We achieved a bird classifier with near state-of-the-art average class accuracy of ~82%, which compared to pre-deep learning era results in 2010 of just 10%. It is quite astonishing and a true testament to just what is achievable with open-source, state-of-the-art libraries.

Hopefully, this demonstrated just what can be achieved in the field with the latest tools and minimal coding. If you’re interested in the deep-learning techniques behind image classification, Ed gives a deeper-dive via a series of articles which you can find here.

Wrapping up

You might wonder what bird-classification and movie-recommenders have to do with typical challenges found working in a company like Malvern Panalytical, but it’s not as far removed you might think. Image classification is one of the most common applications of Deep Learning, and Ed and others are using these techniques internally on several of our products. The movie-recommender also uses many of the same concepts that our data scientists use routinely in their work.
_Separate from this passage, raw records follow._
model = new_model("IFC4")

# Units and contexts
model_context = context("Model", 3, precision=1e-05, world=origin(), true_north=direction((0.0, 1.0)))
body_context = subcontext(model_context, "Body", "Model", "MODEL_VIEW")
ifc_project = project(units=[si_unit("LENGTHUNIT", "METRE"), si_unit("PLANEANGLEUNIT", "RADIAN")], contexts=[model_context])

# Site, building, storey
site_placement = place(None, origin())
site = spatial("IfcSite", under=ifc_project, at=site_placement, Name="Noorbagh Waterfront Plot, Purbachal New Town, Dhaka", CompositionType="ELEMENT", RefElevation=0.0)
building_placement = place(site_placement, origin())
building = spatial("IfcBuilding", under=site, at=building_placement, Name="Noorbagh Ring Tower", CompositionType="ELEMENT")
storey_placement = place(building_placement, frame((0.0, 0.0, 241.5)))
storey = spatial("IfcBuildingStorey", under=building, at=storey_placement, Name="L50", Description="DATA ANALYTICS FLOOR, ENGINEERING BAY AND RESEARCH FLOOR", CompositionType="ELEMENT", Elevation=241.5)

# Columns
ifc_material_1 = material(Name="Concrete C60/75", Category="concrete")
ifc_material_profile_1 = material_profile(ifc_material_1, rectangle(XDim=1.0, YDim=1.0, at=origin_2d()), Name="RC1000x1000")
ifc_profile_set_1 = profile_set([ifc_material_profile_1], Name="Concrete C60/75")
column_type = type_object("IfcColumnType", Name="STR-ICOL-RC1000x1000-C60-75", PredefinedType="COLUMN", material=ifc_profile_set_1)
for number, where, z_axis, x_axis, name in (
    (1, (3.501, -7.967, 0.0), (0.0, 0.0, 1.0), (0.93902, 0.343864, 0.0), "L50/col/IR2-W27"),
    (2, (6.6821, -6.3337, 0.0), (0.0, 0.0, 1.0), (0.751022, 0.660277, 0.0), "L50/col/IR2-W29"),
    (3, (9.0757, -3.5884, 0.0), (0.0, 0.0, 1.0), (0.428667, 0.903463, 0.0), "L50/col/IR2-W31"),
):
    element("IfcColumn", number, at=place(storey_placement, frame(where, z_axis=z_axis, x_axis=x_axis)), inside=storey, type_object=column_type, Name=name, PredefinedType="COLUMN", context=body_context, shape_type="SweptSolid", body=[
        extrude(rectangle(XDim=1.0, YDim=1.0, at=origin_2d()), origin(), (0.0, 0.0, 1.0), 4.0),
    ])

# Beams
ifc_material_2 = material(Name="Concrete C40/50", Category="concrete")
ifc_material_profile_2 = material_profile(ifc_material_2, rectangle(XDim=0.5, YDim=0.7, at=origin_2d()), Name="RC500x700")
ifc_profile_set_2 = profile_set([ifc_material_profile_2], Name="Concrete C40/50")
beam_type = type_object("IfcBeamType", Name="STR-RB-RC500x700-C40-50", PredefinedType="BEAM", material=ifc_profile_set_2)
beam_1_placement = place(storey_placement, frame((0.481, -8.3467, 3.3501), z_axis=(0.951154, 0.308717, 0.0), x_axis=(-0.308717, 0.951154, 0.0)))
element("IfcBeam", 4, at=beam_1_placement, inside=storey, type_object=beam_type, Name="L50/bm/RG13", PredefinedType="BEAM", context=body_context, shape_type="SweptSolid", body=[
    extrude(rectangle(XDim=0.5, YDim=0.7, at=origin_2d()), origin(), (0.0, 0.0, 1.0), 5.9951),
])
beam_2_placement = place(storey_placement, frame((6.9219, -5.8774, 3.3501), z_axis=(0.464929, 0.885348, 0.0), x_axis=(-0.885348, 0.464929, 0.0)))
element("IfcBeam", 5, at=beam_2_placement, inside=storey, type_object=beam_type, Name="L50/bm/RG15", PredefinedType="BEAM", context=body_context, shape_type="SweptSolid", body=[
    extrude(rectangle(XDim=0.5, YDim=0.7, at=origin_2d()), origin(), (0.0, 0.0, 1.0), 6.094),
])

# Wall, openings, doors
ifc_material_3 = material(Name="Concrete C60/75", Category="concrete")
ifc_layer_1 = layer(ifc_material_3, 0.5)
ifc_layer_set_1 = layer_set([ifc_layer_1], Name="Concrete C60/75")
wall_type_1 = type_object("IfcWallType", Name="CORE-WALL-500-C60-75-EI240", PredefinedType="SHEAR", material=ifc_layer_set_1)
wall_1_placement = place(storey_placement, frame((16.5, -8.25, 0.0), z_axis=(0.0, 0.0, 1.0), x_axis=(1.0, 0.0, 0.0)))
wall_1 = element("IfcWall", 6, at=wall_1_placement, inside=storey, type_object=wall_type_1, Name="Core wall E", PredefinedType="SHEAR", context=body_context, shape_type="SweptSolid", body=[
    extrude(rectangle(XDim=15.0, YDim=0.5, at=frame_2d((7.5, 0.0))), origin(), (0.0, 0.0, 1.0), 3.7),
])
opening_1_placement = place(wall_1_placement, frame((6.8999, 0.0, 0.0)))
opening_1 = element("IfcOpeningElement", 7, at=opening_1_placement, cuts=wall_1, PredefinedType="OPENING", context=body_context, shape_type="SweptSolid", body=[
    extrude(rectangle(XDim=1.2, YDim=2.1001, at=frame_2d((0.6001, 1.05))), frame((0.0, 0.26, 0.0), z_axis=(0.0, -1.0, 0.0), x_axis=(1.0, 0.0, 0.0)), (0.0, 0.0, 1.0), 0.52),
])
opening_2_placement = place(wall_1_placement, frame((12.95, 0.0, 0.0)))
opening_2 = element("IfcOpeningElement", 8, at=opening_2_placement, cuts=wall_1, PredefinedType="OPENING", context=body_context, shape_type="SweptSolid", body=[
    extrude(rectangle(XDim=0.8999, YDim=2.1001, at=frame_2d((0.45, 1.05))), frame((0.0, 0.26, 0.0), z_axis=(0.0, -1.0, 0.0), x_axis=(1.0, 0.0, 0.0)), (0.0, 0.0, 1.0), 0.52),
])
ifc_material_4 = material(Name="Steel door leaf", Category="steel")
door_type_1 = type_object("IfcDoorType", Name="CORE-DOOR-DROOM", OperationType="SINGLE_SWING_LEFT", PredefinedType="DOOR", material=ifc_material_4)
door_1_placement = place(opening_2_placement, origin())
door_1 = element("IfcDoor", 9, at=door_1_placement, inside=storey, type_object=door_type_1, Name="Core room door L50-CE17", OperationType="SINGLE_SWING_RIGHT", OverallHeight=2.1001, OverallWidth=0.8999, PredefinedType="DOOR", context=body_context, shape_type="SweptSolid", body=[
After the workshop we sent all participants a feedback survey. Two thirds of respondents said the workshop was the right level of difficulty with the remaining third saying it was too hard. All but one respondent said the workshop was the right length with only one saying it was too long. Not bad given the sweltering temperatures on the day!

Overall the participants rated the workshop 4.5 out of 5 stars and on our key aim of helping participants decide whether to pursue a career in data science: 100% said yes it helped.

We’ll be using the feedback to help us improve the workshop further, and if you’re interested, we’re definitely planning on holding more events like this in future.